Regardless of specific purpose, all checklists and activities start with identifying your client and gathering as much information and documentation about the system as possible. Based on the information collected, a course of action can be identified and begun to gather or determine missing information.

Two of the most comprehensive sets of checklists were developed by the Consortium of Institutes for Decentralized Wastewater Treatment. In both cases, CIDWT created the checklists as part of an effort to provide standardized educational materials that could be used nationwide for O&M providers and installers.


These efforts were undertaken due to requests from consumer advocates and progressive industry leaders to help define a basic level of service and expected level of knowledge on the part of O&M service providers and installers.

CIDWT started by developing the O&M program, completed in 2005, after an extensive period of working with practicing professionals, university researchers and extension personnel. In addition to checklists, extensive PowerPoint presentations were prepared, a comprehensive O&M manual was developed along with other materials that could be used to develop a comprehensive education program by states or private entities interested in providing the training and education.
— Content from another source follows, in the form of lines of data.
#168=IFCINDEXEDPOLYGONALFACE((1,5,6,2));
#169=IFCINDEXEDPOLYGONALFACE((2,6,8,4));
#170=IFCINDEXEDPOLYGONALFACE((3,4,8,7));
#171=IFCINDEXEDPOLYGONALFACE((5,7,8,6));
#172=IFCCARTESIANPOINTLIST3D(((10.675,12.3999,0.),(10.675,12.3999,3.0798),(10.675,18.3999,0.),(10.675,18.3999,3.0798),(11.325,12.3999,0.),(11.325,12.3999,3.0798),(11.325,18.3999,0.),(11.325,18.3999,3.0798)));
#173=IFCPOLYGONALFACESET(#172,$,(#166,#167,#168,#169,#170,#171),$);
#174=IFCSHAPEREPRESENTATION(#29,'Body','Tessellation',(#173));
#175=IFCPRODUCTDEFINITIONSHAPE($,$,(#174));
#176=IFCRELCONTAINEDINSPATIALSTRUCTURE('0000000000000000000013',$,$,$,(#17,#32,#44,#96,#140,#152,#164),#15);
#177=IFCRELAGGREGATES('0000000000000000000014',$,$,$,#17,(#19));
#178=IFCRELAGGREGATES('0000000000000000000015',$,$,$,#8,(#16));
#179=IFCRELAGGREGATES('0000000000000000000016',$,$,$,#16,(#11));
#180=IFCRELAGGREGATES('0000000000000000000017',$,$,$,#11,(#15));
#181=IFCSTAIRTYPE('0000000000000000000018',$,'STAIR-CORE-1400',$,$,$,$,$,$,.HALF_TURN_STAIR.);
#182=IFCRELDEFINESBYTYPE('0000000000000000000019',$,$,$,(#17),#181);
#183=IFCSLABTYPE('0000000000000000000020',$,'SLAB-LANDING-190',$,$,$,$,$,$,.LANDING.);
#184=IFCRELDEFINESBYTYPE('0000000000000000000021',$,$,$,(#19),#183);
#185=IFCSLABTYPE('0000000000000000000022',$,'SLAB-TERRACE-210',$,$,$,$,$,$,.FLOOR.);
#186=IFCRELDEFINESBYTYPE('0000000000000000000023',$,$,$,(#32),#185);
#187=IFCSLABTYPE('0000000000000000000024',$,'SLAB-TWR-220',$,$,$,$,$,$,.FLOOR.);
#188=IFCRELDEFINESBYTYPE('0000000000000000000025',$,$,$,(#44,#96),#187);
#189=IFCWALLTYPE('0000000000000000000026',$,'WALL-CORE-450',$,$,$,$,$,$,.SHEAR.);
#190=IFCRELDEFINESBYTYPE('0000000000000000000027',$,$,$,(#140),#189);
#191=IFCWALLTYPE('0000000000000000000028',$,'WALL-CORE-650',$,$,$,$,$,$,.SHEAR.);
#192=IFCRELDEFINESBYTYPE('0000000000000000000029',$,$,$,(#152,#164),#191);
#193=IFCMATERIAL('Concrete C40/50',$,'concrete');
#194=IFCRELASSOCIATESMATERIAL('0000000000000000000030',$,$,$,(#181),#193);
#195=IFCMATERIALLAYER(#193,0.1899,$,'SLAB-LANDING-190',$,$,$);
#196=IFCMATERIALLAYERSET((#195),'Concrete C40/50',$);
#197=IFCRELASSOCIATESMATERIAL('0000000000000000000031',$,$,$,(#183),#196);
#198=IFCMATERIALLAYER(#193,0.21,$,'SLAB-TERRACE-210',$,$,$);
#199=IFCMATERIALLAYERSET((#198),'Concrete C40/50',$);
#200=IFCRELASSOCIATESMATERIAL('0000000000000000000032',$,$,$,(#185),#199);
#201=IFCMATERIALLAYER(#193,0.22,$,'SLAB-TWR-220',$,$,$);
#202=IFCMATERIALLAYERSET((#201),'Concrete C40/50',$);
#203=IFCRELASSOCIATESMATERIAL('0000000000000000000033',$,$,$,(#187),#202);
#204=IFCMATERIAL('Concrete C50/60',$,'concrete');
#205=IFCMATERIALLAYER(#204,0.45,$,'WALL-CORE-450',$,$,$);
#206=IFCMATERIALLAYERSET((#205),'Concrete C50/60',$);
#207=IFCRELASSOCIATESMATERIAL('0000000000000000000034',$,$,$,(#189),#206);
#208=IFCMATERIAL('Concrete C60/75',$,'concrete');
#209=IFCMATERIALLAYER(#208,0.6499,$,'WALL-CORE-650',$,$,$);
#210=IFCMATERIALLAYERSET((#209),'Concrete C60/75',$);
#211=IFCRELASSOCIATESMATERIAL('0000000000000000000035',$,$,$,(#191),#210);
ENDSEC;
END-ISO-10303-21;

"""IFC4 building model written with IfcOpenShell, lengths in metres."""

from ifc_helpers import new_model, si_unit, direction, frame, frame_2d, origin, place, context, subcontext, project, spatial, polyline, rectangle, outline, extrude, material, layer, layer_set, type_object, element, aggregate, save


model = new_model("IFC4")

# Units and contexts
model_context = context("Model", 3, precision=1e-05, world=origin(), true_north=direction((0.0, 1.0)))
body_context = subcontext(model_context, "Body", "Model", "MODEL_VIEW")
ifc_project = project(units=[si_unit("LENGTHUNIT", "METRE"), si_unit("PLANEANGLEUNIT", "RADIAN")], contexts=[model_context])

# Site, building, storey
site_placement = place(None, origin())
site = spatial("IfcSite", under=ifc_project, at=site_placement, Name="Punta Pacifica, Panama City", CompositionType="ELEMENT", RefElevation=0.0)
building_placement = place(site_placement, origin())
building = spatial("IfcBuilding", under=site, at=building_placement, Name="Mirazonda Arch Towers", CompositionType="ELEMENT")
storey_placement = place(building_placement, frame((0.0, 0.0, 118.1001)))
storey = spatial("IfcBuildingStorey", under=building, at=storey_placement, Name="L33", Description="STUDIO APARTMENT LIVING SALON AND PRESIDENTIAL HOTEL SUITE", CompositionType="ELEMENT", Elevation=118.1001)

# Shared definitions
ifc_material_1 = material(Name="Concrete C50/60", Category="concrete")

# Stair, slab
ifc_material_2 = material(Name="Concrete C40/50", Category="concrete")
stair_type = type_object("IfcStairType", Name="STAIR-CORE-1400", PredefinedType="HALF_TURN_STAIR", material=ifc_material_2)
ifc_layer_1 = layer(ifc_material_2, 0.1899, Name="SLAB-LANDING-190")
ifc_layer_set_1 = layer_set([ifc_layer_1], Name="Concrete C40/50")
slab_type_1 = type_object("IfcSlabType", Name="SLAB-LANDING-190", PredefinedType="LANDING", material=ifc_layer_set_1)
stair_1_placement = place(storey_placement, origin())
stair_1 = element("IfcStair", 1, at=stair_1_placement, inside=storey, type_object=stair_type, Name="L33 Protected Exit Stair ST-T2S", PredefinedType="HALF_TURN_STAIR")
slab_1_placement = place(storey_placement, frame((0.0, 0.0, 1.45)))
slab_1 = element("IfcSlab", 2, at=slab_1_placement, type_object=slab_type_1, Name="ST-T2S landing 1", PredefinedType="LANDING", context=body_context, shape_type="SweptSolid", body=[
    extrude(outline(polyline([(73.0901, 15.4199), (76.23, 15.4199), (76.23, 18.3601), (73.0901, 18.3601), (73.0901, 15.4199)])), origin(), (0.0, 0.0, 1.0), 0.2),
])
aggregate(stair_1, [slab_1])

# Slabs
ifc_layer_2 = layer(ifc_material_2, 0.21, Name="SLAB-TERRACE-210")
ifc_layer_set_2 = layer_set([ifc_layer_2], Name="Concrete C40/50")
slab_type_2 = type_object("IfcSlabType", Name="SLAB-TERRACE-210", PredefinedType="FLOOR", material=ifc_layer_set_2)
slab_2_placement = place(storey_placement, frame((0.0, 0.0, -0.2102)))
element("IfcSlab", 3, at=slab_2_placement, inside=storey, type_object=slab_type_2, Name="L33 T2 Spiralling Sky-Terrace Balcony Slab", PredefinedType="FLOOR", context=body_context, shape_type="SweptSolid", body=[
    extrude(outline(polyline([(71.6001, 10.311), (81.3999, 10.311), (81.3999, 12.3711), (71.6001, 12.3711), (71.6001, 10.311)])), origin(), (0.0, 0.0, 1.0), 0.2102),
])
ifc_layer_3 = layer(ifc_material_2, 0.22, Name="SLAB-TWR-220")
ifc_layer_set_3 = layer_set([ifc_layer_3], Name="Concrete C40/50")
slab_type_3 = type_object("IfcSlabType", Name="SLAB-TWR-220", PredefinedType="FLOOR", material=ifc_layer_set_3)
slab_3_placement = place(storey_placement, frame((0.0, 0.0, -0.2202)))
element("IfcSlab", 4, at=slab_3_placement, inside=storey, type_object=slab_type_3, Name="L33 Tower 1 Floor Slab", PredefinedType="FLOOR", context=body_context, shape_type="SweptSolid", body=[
A similar process was used to develop materials for an installer program in 2008. Both programs’ checklist series start with a form to capture and record as much information as possible about the existing system, if there is one, household water use practices, site and soils. This recognizes the importance of gathering information about the property and use patterns before any work begins. The importance of continual contact and communication with the client cannot be overstated.

The second checklist in the O&M series involves an inspection checklist for an existing system. During the inspection process, each system component is identified and current operation condition determined, which provides direction to individual checklists for each component of the system. When finished, a service provider has a complete record of the system that can be used to determine O&M or replacement needs into the future.
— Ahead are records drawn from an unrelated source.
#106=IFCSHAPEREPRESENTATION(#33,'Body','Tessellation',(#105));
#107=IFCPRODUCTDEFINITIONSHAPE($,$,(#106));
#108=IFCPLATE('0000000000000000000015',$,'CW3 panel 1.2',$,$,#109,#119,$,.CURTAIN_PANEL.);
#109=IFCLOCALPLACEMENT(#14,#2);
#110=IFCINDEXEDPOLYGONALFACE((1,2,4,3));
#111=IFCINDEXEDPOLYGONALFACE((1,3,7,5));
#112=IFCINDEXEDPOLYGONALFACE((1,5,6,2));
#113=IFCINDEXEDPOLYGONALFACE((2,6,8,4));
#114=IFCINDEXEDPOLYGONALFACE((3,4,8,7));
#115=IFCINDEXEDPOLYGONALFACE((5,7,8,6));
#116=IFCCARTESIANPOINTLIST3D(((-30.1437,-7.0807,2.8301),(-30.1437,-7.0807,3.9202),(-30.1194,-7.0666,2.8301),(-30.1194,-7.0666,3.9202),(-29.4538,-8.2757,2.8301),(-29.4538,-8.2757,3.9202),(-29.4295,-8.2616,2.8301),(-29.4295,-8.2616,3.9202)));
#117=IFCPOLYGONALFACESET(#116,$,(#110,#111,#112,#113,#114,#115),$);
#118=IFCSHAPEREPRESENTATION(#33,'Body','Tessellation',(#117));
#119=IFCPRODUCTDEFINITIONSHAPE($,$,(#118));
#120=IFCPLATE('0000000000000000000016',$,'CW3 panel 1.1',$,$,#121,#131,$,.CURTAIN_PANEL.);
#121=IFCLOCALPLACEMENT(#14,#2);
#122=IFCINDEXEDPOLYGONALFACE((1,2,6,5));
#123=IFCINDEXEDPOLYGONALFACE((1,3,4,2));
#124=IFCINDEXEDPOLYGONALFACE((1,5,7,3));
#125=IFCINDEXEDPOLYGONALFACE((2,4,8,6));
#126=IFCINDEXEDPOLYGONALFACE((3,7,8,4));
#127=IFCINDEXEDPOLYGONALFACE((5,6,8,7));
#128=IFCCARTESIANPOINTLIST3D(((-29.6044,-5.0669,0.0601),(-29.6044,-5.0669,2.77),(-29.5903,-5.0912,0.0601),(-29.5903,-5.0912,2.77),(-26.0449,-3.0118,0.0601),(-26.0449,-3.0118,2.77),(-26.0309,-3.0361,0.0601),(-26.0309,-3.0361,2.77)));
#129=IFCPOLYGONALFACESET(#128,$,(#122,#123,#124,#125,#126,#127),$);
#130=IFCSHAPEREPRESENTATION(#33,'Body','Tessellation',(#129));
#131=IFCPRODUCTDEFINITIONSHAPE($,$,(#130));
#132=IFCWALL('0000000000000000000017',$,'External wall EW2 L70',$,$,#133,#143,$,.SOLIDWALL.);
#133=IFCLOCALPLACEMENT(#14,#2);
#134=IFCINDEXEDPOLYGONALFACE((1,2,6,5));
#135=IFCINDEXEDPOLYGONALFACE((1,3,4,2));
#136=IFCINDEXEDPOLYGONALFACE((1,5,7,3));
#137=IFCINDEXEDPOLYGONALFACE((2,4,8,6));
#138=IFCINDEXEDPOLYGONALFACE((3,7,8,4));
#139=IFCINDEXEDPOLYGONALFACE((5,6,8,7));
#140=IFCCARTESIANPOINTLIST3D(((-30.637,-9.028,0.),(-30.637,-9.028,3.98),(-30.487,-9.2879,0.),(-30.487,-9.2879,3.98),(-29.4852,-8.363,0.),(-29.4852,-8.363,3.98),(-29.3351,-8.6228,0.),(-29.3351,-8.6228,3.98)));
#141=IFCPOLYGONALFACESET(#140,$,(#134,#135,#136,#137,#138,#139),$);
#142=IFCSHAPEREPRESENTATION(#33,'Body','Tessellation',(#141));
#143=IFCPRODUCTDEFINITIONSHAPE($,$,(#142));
The manuals, checklists and educational materials are available from Midwest Plan Service at Iowa State University in Ames, Iowa. Visit their website to order materials www.mwps.sws.iastate.edu. There will be a charge for the manuals and shipping. O&M manuals can be obtained from the National Association of Wastewater Technicians (NAWT) also for a charge plus shipping.

The checklists are quite extensive and most are several pages long, which may become unwieldy for the service provider in the field. NAWT simplified the forms, and if you are a member the forms can be downloaded from their website. Many service providers we talk to find the simplified forms helpful.

In 1995, NAWT established an educational program for conducting an operation-level inspection of existing systems, primarily for real estate transfers. The program was developed by practitioners to set the standard for real estate inspections at the request of consumers and real estate agents.

Basic sewage treatment and inspection procedure manuals were prepared, along with PowerPoint presentations and an inspection checklist. These materials were revised in 2007 and are currently undergoing another revision. Manuals and checklists can be obtained either by attending a NAWT class when presented in your area or by contacting NAWT through their website www.nawt.org. There will be a charge for the materials.

We also need to put in a plug for our University of Minnesota Onsite Sewage Treatment Program website. Here you will find information for service providers, installers and homeowners with a variety of checklists and materials. Go to www.septic.umn.edu to find these materials. Check with your state university or regulatory agency because they likely have materials and checklists available, most of which come from one of the efforts described above. There are also materials through the U.S. Environmental Protection Agency and their website www.epa.gov.

If you have been looking for or trying to develop your own checklists, hopefully these materials will help you in the process.